If you want a packaged recipe, I started with the one from The Sausage Maker.  It was good but again, I bumped up the spices by about 20% or so.

Good luck!!


----------



## JckDanls 07 (Apr 13, 2021)

It's not JD's but it's pretty darned good...  Pop's breakfast sausage is world famous and has been around for a long time...  I make it all the time... As do other members...   I do cut the salt back to half tho and bump the sage up a lil...






						Fassett's Breakfast Sausage Seasoning
					

I had to make up a new batch of breakfast sausage seasoning, and I follow a recipe by weight:  8 oz. salt 2 oz. black pepper 1 oz. sage put in ziploc and shake thoroughly, then use ½ oz. per lb. of meat  However, this time, for those that don't have scales, I also dumped the contents of each...




					www.smokingmeatforums.com


----------



## thirdeye (Apr 13, 2021)

It looks like there are two sides to 'breakfast sausage'. One is sausages sometimes called 'farm or farmers sausage' and other-times referred to as 'country sausage' depending on what part of the country you are from.  Many other countries have a farm-style sausage.  Often it's bulk and fried in patties or chopped up for a skillet breakfast or a breakfast burrito.

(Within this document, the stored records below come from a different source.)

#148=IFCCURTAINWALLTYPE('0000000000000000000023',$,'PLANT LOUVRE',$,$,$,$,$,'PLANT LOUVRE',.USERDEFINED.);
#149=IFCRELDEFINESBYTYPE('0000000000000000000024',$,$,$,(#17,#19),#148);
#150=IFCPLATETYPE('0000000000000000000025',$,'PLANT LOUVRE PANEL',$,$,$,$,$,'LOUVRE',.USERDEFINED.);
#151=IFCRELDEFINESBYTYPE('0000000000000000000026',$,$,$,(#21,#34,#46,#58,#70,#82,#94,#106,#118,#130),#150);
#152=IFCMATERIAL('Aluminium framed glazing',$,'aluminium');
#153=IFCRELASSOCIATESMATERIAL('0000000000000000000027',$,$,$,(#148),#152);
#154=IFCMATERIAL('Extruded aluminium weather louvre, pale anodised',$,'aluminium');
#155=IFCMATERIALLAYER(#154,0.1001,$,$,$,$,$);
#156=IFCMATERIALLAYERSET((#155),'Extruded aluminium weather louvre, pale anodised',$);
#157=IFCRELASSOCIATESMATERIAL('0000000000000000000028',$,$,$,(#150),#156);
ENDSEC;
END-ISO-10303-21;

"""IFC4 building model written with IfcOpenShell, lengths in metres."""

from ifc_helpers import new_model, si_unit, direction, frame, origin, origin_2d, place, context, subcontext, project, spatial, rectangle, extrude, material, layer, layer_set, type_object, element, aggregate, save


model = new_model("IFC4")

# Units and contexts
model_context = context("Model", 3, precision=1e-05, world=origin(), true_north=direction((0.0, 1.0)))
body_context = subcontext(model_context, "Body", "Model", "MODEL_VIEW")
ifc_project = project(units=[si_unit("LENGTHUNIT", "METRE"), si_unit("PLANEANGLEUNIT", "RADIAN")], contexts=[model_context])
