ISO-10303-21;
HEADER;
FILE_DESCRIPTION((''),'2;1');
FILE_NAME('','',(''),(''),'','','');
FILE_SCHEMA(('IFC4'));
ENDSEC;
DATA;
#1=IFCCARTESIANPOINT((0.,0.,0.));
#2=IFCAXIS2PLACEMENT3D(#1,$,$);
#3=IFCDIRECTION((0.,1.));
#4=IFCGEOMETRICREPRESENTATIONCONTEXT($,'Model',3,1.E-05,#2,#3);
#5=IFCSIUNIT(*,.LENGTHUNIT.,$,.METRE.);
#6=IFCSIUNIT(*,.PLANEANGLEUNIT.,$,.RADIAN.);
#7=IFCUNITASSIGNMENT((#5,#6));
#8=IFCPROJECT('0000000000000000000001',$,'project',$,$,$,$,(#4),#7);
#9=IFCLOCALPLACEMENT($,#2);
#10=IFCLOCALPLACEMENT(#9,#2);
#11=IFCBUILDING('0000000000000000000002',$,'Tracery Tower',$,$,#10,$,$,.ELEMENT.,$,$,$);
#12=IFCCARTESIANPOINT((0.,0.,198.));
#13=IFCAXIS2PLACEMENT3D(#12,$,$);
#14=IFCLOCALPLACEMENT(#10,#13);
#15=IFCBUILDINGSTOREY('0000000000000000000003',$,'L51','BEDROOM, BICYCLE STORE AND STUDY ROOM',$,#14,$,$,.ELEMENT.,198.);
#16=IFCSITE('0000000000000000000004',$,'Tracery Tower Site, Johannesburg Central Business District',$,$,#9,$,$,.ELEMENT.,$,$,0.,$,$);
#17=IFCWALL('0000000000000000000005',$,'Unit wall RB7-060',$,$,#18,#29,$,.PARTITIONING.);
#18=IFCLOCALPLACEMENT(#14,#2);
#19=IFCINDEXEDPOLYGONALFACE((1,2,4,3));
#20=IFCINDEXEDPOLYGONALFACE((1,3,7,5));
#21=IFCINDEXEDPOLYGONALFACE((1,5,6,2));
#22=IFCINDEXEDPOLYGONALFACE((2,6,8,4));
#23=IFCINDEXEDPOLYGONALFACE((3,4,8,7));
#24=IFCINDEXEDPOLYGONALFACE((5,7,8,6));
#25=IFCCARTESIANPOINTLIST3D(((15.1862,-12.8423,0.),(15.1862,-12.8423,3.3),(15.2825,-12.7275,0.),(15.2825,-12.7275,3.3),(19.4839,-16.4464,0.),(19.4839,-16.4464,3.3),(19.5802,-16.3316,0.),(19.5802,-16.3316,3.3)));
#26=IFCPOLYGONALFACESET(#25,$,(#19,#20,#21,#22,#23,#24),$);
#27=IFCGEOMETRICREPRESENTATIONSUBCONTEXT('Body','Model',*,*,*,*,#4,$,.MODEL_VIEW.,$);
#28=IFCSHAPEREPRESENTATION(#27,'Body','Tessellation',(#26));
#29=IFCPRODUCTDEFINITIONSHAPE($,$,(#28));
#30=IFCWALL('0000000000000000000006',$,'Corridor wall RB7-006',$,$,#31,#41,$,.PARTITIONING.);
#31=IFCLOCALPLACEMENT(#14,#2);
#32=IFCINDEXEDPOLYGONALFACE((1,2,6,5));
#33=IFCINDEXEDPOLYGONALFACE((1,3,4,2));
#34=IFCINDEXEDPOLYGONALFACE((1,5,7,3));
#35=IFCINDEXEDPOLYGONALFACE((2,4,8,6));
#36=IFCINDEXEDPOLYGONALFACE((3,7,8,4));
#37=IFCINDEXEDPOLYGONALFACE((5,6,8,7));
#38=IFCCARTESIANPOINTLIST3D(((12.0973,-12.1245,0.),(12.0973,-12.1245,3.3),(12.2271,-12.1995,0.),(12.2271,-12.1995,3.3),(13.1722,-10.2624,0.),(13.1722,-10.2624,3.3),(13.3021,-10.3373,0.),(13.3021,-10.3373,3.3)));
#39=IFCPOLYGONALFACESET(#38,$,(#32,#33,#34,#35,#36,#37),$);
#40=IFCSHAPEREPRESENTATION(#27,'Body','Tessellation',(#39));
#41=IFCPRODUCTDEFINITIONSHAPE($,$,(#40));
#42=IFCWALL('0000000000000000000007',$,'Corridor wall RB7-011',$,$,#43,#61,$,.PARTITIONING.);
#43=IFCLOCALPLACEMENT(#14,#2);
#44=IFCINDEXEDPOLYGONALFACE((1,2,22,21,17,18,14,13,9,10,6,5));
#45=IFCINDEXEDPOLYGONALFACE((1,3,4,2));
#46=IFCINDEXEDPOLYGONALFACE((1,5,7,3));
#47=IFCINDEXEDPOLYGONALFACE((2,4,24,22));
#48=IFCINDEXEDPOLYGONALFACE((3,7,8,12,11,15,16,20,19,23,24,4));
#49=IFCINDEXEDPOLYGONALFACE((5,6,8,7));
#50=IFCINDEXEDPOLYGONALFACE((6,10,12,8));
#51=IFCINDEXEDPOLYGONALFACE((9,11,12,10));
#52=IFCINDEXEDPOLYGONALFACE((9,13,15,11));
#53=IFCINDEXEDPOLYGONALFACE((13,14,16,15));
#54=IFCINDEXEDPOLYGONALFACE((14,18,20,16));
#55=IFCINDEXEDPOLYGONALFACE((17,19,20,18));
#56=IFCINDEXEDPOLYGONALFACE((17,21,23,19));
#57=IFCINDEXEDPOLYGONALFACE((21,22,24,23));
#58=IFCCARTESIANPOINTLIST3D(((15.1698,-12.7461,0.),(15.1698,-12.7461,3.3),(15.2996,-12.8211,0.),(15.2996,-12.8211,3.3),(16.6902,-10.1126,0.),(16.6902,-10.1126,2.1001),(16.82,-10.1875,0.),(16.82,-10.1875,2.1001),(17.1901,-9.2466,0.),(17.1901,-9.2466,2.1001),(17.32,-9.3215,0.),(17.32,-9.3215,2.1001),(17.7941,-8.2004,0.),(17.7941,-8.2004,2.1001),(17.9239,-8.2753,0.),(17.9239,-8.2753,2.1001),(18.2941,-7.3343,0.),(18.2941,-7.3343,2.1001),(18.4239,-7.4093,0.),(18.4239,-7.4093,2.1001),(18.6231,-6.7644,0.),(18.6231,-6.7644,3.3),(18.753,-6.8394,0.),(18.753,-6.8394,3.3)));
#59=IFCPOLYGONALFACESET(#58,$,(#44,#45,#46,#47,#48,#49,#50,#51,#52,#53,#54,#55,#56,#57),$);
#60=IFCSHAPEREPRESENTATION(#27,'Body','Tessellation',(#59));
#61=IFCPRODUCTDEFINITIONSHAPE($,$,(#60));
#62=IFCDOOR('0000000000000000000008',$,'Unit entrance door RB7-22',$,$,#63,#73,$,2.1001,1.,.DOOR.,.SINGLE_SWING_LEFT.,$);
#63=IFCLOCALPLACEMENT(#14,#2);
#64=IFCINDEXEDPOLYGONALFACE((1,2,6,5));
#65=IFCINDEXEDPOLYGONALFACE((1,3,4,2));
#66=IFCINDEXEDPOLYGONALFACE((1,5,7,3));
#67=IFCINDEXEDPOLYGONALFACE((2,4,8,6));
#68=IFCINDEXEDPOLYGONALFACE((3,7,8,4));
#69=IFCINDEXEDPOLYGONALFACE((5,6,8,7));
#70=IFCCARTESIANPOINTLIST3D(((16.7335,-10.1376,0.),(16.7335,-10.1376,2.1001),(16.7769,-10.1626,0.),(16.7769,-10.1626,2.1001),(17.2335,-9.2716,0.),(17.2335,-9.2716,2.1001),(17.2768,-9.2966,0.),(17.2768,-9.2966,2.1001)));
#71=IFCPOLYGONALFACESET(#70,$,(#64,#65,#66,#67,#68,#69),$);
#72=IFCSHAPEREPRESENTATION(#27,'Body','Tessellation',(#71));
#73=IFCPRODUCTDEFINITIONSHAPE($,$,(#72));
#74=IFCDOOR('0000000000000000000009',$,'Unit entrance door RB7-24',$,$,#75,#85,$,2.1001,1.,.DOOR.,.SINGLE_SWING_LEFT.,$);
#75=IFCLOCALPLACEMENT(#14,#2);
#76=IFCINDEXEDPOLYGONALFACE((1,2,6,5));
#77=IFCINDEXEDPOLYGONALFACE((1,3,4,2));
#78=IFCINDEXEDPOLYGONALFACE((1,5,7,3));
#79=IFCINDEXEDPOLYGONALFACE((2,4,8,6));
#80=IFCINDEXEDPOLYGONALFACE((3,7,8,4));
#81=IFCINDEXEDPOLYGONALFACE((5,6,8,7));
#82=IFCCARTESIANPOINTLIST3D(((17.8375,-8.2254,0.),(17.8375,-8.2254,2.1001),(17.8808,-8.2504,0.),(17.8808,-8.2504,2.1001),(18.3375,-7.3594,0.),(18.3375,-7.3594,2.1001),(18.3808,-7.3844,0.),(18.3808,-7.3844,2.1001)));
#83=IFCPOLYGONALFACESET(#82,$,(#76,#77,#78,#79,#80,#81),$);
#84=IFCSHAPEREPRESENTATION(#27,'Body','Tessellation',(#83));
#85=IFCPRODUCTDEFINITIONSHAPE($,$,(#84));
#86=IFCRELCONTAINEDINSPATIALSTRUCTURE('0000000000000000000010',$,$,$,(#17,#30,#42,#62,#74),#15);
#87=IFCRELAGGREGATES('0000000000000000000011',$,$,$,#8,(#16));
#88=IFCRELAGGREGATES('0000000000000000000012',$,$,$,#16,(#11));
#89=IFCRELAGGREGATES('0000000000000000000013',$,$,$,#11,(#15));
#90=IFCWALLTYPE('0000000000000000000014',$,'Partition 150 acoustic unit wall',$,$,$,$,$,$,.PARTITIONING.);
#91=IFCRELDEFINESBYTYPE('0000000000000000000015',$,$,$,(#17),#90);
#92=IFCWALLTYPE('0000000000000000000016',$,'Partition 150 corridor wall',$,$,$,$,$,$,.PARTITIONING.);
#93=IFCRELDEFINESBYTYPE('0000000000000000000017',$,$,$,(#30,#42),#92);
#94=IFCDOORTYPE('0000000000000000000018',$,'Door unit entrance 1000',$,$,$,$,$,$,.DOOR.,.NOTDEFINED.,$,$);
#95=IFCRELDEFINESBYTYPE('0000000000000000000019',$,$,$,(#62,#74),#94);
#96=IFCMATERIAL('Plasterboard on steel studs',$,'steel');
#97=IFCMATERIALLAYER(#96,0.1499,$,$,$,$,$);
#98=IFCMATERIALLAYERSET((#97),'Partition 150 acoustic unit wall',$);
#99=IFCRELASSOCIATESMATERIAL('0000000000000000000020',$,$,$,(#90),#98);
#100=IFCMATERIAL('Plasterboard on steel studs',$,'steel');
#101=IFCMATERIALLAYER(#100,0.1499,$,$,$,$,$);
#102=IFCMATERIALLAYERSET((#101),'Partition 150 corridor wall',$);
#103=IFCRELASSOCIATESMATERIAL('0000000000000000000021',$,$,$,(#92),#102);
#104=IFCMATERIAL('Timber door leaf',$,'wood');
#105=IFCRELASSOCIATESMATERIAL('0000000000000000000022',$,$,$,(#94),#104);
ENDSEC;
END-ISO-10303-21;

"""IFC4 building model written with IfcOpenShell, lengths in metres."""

from ifc_helpers import new_model, si_unit, direction, frame, frame_2d, origin, place, context, subcontext, project, spatial, rectangle, extrude, material, layer, layer_set, type_object, element, fill, save


model = new_model("IFC4")

# Units and contexts
model_context = context("Model", 3, precision=1e-05, world=origin(), true_north=direction((0.0, 1.0)))
body_context = subcontext(model_context, "Body", "Model", "MODEL_VIEW")
ifc_project = project(units=[si_unit("LENGTHUNIT", "METRE"), si_unit("PLANEANGLEUNIT", "RADIAN")], contexts=[model_context])

# Site, building, storey
site_placement = place(None, origin())
site = spatial("IfcSite", under=ifc_project, at=site_placement, Name="Tracery Tower Site, Johannesburg Central Business District", CompositionType="ELEMENT", RefElevation=0.0)
building_placement = place(site_placement, origin())
building = spatial("IfcBuilding", under=site, at=building_placement, Name="Tracery Tower", CompositionType="ELEMENT")
storey_placement = place(building_placement, frame((0.0, 0.0, 198.0)))
storey = spatial("IfcBuildingStorey", under=building, at=storey_placement, Name="L51", Description="BEDROOM, BICYCLE STORE AND STUDY ROOM", CompositionType="ELEMENT", Elevation=198.0)

# Walls
ifc_material_1 = material(Name="Plasterboard on steel studs", Category="steel")
ifc_layer_1 = layer(ifc_material_1, 0.1499)
ifc_layer_set_1 = layer_set([ifc_layer_1], Name="Partition 150 acoustic unit wall")
wall_type_1 = type_object("IfcWallType", Name="Partition 150 acoustic unit wall", PredefinedType="PARTITIONING", material=ifc_layer_set_1)
wall_1_placement = place(storey_placement, frame((15.2344, -12.7849, 0.0), z_axis=(0.0, 0.0, 1.0), x_axis=(0.76623, -0.642566, 0.0)))
element("IfcWall", 1, at=wall_1_placement, inside=storey, type_object=wall_type_1, Name="Unit wall RB7-060", PredefinedType="PARTITIONING", context=body_context, shape_type="SweptSolid", body=[
    extrude(rectangle(XDim=5.6089, YDim=0.1499, at=frame_2d((2.8044, 0.0))), origin(), (0.0, 0.0, 1.0), 3.3),
])
ifc_material_2 = material(Name="Plasterboard on steel studs", Category="steel")
ifc_layer_2 = layer(ifc_material_2, 0.1499)
ifc_layer_set_2 = layer_set([ifc_layer_2], Name="Partition 150 corridor wall")
wall_type_2 = type_object("IfcWallType", Name="Partition 150 corridor wall", PredefinedType="PARTITIONING", material=ifc_layer_set_2)
wall_2_placement = place(storey_placement, frame((12.1621, -12.1621, 0.0), z_axis=(0.0, 0.0, 1.0), x_axis=(0.499962, 0.866048, 0.0)))
element("IfcWall", 2, at=wall_2_placement, inside=storey, type_object=wall_type_2, Name="Corridor wall RB7-006", PredefinedType="PARTITIONING", context=body_context, shape_type="SweptSolid", body=[
    extrude(rectangle(XDim=2.1501, YDim=0.1499, at=frame_2d((1.0752, 0.0))), origin(), (0.0, 0.0, 1.0), 3.3),
])

# Wall, openings, doors
wall_3_placement = place(storey_placement, frame((15.2346, -12.7837, 0.0), z_axis=(0.0, 0.0, 1.0), x_axis=(0.499983, 0.866035, 0.0)))
wall_3 = element("IfcWall", 3, at=wall_3_placement, inside=storey, type_object=wall_type_2, Name="Corridor wall RB7-011", PredefinedType="PARTITIONING", context=body_context, shape_type="SweptSolid", body=[
    extrude(rectangle(XDim=6.907, YDim=0.1499, at=frame_2d((3.4536, 0.0))), origin(), (0.0, 0.0, 1.0), 3.3),
])
opening_1_placement = place(wall_3_placement, frame((3.041, 0.0, 0.0)))
opening_1 = element("IfcOpeningElement", 4, at=opening_1_placement, cuts=wall_3, PredefinedType="OPENING", context=body_context, shape_type="SweptSolid", body=[
    extrude(rectangle(XDim=1.0, YDim=2.1001, at=frame_2d((0.5, 1.05))), frame((0.0, 0.075, 0.0), z_axis=(0.0, -1.0, 0.0), x_axis=(1.0, 0.0, 0.0)), (0.0, 0.0, 1.0), 0.1499),
])
opening_2_placement = place(wall_3_placement, frame((5.249, 0.0, 0.0)))
opening_2 = element("IfcOpeningElement", 5, at=opening_2_placement, cuts=wall_3, PredefinedType="OPENING", context=body_context, shape_type="SweptSolid", body=[
    extrude(rectangle(XDim=1.0, YDim=2.1001, at=frame_2d((0.5, 1.05))), frame((0.0, 0.075, 0.0), z_axis=(0.0, -1.0, 0.0), x_axis=(1.0, 0.0, 0.0)), (0.0, 0.0, 1.0), 0.1499),
])
ifc_material_3 = material(Name="Timber door leaf", Category="wood")
door_type_1 = type_object("IfcDoorType", Name="Door unit entrance 1000", OperationType="NOTDEFINED", PredefinedType="DOOR", material=ifc_material_3)
door_1_placement = place(opening_1_placement, origin())
door_1 = element("IfcDoor", 6, at=door_1_placement, inside=storey, type_object=door_type_1, Name="Unit entrance door RB7-22", OperationType="SINGLE_SWING_LEFT", OverallHeight=2.1001, OverallWidth=1.0, PredefinedType="DOOR", context=body_context, shape_type="SweptSolid", body=[
    extrude(rectangle(XDim=1.0, YDim=2.1001, at=frame_2d((0.5, 1.05))), frame((0.0, 0.0249, 0.0), z_axis=(0.0, -1.0, 0.0), x_axis=(1.0, 0.0, 0.0)), (0.0, 0.0, 1.0), 0.05),
])
fill(opening_1, door_1)
door_2_placement = place(opening_2_placement, origin())
door_2 = element("IfcDoor", 7, at=door_2_placement, inside=storey, type_object=door_type_1, Name="Unit entrance door RB7-24", OperationType="SINGLE_SWING_LEFT", OverallHeight=2.1001, OverallWidth=1.0, PredefinedType="DOOR", context=body_context, shape_type="SweptSolid", body=[
    extrude(rectangle(XDim=1.0, YDim=2.1001, at=frame_2d((0.5, 1.05))), frame((0.0, 0.0249, 0.0), z_axis=(0.0, -1.0, 0.0), x_axis=(1.0, 0.0, 0.0)), (0.0, 0.0, 1.0), 0.05),
])
fill(opening_2, door_2)

save(model, "model.ifc")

Even a pizza topping.  I like it for sausage burgers. 

Another breakfast sausage styles are the ones popular in the US.   Bob Evans or Jimmy Dean are good examples of style of sausage.  A bit high in fat and salt, flavorful, moist, sometimes leaning toward sweet.... but a comfort kind of thing. 

*Back to your question...*. there are ton's of farm sausage recipes, explore them because they are wonderful.   And.... I'm sure there are BE or JD clone recipes, but it's hard not to buy some pre made  chubs (fatties) on sale and smoke them and vacuum seal.


----------



## moober (Dec 8, 2021)

Bell’s

I started with this basic recipe awhile ago.I have a thing for Bell’s. You are welcome to follow the recipe and add ground turkey.  I won’t disown you lol.

I made breakfast sausage last weekend using this recipe:

Ground 9.44# pork butt (fine)… that is 4282 grams… I apologize for using mixed units:

Kosher Salt …………….80g (8.5 g per #)
Brown Sugar……………80g
Bell’s Seasoning …….16g or 8 teaspoons
Black Pepper…………..7 teaspoons

For me, that is a bit more kosher salt than normal for this amount of pork (about a tablespoon more/15 grams) but it worked… maybe balanced out by the sugar.  Definitely need s some red pepper flakes! Maybe 3 tablespoons for that much grind.

good luck!


----------



## Sven Svensson (Dec 10, 2021)

Penney’s Spices has an amazing breakfast sausage seasoning mix. It’s super simple. Just add one tablespoon of mix to one pound of ground pork and you’ll impress your friends and family. Their Italian sausage and Bratwurst seasons are also fantastic.


----------



## forktender (Dec 10, 2021)

BrianGSDTexoma said:


> I am a big  of A.C. Legg Blend 10 Pork Sausage Seasoning.  Nice sage flavor.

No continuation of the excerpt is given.